This invention relates to an electrographic developing method, and more particularly to a method of developing latent electrostatic images to toner images with a magnetic brush comprising a magnetic toner.
Latent electrostatic images formed on the surface of a support (such as electrostatic recording paper in facsimile or a photoconductive member in electrophotographic copiers) can be developed to visible images advantageously, for example, by the method disclosed in U.S. Pat. No. 3,909,258 in which the image bearing surface is brushed with a magnetic brush of low-resistivity magnetic toner particles prepared from a dispersion of fine magnetic particles in a resin and having carbon black or a like electroconductive material embedded in the surfaces of the toner particles.
Because of various advantages, this method has found wide application in electrophotographic copies, etc. However, the copiers in which this method is used have been limited solely to those of the Fax type in which the copy paper itself is developed. In fact, the method still remains to be improved for use in so-called plain paper copiers (PPC) which appear to be ideal copying machines.
Presumably this is due to the fact that whereas the magnetic toner used for this method must be highly amenable to the injection of charges and therefore have a low resistivity, extreme difficulty is encountered in transferring such a toner of low resistivity from the image bearing surface to the copy paper. Stated more specifically, when latent images developed with the low-resistivity toner, namely toner images, are to be transferred from the support to paper by corona charging with the use of the usual transfer unit, the toner image becomes markedly broken during the transfer operation, thus affording a copy which is no longer suited for use. The break in the toner image appears attributable to the phenomenon that when the toner is exposed to corona charges, toner particles are transferred to an area of the paper other than the image area to be formed thereon, or some toner particles are scattered due to a change in polarity.
Various attempts have been made to give the magnetic toner the highest possible resistivity and to thereby eliminate the problem involved in the transfer of the magnetic toner by a corona discharge unit, but the remedy, although achieved to some extent, adversely affects the development of the latent image, thus failing to provide useful toner images.
Additionally the method disclosed in U.S. Pat. No. 3,909,258 has another drawback in that it is low in the reproducibility of gradation when used in a PPC for developing latent electrostatic images having a high potential of up to about 500 to about 1000 V, even if the copies obtained are usable.

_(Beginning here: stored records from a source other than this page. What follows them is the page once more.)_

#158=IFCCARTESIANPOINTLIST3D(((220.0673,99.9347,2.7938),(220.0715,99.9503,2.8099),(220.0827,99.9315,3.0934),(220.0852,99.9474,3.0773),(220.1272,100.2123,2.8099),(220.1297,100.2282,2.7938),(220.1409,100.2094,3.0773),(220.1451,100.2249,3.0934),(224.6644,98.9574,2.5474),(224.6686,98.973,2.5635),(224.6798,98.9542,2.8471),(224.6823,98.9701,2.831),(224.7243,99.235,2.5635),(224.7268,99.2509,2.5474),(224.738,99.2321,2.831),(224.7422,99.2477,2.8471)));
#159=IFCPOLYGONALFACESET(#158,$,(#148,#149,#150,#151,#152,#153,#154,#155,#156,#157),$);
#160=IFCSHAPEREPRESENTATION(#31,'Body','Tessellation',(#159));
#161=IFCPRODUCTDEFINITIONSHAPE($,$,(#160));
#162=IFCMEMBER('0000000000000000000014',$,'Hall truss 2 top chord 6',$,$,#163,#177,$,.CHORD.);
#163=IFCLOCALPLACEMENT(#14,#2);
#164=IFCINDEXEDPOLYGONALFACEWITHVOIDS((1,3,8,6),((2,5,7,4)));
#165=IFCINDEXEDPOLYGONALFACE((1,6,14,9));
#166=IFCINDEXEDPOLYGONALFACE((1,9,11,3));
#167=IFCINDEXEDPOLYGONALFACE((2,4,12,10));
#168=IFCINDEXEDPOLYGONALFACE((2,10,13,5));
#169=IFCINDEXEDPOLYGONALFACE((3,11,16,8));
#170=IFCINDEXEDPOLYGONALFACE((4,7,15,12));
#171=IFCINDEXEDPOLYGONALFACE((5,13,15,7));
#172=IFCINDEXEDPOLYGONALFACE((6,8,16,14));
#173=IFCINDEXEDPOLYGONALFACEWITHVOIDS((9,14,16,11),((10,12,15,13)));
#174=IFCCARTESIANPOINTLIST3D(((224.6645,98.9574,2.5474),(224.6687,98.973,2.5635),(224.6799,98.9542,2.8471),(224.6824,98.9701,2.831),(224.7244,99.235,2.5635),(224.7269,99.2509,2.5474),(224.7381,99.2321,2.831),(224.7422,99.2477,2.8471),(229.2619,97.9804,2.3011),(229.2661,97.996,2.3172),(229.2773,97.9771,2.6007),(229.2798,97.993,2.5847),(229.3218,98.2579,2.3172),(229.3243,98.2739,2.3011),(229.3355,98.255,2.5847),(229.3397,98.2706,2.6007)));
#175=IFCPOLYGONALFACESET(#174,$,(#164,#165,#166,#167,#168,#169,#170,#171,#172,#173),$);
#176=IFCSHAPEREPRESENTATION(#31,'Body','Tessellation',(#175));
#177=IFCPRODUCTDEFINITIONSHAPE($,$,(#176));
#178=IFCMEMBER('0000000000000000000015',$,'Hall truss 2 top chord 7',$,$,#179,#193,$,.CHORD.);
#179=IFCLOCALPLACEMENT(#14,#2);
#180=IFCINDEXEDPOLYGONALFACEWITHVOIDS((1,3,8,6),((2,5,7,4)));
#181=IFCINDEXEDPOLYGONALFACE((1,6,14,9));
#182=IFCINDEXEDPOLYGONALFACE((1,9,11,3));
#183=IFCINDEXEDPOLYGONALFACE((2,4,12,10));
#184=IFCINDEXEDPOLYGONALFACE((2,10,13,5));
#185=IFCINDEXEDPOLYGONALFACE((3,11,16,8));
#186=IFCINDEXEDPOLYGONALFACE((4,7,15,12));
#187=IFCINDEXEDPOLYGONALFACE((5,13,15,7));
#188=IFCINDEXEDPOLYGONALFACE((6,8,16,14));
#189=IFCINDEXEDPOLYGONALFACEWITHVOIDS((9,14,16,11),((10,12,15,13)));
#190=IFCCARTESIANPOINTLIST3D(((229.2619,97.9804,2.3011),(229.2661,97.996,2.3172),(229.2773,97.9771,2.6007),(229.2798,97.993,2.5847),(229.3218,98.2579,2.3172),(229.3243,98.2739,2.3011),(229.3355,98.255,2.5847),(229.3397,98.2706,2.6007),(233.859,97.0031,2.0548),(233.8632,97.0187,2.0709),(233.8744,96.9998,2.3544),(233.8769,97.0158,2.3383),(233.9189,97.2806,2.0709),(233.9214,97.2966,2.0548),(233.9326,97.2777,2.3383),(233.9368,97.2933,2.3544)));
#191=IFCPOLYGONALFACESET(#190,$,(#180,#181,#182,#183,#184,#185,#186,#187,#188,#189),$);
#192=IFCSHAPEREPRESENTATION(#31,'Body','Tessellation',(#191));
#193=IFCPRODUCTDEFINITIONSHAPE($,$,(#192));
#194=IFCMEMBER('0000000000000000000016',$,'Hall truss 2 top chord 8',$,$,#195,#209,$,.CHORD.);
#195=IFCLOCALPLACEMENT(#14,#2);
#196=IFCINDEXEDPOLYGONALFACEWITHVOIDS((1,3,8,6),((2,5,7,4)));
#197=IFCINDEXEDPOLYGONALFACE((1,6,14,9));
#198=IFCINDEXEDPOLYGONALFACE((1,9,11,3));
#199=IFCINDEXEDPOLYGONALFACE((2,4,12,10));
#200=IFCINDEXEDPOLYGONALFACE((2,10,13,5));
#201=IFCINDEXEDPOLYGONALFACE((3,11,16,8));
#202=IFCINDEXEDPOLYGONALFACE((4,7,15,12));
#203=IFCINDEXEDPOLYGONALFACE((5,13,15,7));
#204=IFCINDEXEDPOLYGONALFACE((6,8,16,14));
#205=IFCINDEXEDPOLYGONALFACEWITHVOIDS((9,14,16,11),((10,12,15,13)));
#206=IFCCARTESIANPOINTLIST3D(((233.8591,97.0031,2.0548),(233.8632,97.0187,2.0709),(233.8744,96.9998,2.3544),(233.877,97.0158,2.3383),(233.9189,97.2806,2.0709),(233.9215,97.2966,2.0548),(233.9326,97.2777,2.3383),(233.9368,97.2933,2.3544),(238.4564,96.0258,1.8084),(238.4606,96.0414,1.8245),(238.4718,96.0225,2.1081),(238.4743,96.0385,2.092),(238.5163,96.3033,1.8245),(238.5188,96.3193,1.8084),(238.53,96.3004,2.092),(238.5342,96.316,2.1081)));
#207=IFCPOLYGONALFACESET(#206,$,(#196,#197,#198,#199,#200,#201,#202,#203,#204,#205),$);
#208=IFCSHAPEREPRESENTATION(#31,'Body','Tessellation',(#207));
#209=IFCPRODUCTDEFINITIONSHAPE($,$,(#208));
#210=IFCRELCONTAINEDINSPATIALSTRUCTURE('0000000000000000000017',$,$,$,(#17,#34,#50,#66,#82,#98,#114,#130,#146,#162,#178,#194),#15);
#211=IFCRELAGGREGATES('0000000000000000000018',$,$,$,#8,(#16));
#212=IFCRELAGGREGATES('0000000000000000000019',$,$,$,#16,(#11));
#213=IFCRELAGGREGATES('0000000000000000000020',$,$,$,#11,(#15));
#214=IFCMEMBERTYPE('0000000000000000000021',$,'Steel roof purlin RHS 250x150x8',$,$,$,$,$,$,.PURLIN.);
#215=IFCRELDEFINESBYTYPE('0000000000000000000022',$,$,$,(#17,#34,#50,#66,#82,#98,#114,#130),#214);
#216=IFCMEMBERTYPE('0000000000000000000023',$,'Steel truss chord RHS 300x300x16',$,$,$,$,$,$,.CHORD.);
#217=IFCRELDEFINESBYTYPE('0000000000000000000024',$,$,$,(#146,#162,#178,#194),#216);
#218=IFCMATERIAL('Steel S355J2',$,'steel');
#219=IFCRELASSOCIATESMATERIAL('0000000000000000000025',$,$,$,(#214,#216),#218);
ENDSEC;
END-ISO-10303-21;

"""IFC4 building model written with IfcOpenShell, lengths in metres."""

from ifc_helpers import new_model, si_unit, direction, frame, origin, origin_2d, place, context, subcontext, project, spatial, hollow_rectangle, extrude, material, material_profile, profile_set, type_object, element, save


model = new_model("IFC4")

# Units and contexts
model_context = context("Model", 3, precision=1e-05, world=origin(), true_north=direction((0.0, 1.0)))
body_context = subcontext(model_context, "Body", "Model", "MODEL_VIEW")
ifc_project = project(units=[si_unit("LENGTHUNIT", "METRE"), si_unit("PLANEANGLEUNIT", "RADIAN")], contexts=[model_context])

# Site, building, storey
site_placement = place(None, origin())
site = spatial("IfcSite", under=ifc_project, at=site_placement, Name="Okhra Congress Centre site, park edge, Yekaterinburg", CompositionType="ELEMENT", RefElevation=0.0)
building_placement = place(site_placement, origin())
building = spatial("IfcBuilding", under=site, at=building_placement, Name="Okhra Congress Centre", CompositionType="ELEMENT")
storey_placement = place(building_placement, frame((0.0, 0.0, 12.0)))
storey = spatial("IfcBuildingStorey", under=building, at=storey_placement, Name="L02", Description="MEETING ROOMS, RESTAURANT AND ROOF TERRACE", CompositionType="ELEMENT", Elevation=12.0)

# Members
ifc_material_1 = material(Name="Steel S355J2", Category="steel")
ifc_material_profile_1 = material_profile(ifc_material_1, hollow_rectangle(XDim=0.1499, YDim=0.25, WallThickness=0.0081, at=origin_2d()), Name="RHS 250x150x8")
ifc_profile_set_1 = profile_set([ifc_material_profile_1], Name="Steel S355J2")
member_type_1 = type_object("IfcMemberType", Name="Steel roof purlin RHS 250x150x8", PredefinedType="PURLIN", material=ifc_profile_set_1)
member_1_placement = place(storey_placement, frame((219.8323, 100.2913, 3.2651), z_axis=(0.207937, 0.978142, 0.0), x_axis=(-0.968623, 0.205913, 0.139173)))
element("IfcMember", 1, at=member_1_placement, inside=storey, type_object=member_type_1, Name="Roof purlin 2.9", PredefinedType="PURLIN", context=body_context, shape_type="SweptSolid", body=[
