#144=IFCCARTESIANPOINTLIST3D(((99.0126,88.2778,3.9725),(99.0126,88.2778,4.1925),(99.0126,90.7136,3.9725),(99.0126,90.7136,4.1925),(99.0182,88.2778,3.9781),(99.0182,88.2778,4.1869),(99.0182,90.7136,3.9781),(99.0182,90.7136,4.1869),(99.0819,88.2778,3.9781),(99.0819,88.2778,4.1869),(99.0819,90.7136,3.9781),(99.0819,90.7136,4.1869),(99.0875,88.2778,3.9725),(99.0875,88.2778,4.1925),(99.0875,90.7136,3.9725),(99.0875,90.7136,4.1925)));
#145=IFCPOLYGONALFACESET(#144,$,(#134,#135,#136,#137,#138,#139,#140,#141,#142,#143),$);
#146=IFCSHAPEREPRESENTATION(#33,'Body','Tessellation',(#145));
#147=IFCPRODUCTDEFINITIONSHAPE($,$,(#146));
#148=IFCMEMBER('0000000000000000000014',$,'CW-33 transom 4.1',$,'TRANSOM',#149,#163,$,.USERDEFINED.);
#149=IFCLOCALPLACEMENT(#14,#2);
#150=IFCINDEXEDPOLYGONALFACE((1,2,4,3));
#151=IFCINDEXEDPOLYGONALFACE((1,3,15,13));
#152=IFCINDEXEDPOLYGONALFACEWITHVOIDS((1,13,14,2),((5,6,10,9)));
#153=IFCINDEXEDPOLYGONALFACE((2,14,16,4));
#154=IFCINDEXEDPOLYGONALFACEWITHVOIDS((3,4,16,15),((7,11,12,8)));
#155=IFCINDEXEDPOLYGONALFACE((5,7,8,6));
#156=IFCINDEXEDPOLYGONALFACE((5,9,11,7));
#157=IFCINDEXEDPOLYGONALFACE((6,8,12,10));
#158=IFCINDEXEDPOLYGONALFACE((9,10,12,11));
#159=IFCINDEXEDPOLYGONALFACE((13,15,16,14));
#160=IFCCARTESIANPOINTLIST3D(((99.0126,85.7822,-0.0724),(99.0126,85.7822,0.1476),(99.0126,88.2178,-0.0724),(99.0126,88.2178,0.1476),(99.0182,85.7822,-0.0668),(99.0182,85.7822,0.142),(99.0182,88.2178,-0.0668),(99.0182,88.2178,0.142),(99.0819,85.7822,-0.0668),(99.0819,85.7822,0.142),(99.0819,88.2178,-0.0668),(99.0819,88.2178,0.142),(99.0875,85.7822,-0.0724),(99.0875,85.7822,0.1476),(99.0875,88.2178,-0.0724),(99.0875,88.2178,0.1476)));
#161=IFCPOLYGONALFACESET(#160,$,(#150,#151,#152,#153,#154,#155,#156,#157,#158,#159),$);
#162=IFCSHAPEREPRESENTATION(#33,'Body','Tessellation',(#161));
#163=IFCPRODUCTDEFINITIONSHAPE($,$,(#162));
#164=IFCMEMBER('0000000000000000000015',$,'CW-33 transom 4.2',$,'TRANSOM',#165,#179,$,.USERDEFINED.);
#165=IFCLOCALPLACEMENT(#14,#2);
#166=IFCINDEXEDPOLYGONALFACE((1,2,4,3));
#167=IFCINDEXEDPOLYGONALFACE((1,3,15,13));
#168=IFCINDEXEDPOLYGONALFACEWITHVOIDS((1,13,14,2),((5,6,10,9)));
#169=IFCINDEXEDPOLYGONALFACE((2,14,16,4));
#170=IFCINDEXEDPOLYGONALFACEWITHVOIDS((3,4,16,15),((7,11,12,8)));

This will be described below in detail with reference to FIG. 1, which shows the relationship between the potential of latent electrostatic images and the amount of magnetic toner deposited on the image bearing surface when the latent image is developed by the method of the above-mentioned U.S. patent. The potential P is plotted as the abscissa vs. the amount T as the ordinate. The solid line A in FIG. 1 represents the above relationship as established by the use of a magnetic toner having a low resistivity of 10.sup.8 ohm-cm (commercial magnetic toner presently available for use in Fax-type copiers). The dot-and-dash line B shows the relationship as determined by the use of a magnetic toner having a high resistivity of 10.sup.-- ohm-cm. The solid line A indicates that when the potential of the latent image is in the range of 0 to 500 V, the potential is approximately proportional to the amount of deposited toner, permitting satisfactory reproduction of gradation within the range, whereas at potentials above 500 V, the amount of toner remains substantially constant irrespective of the potential, failing to reproduce the gradation. The dot-and-dash line B reveals that latent images, if having a potential of about 1000 V, can be developed only to a low overall density with a lesser amount of toner deposition.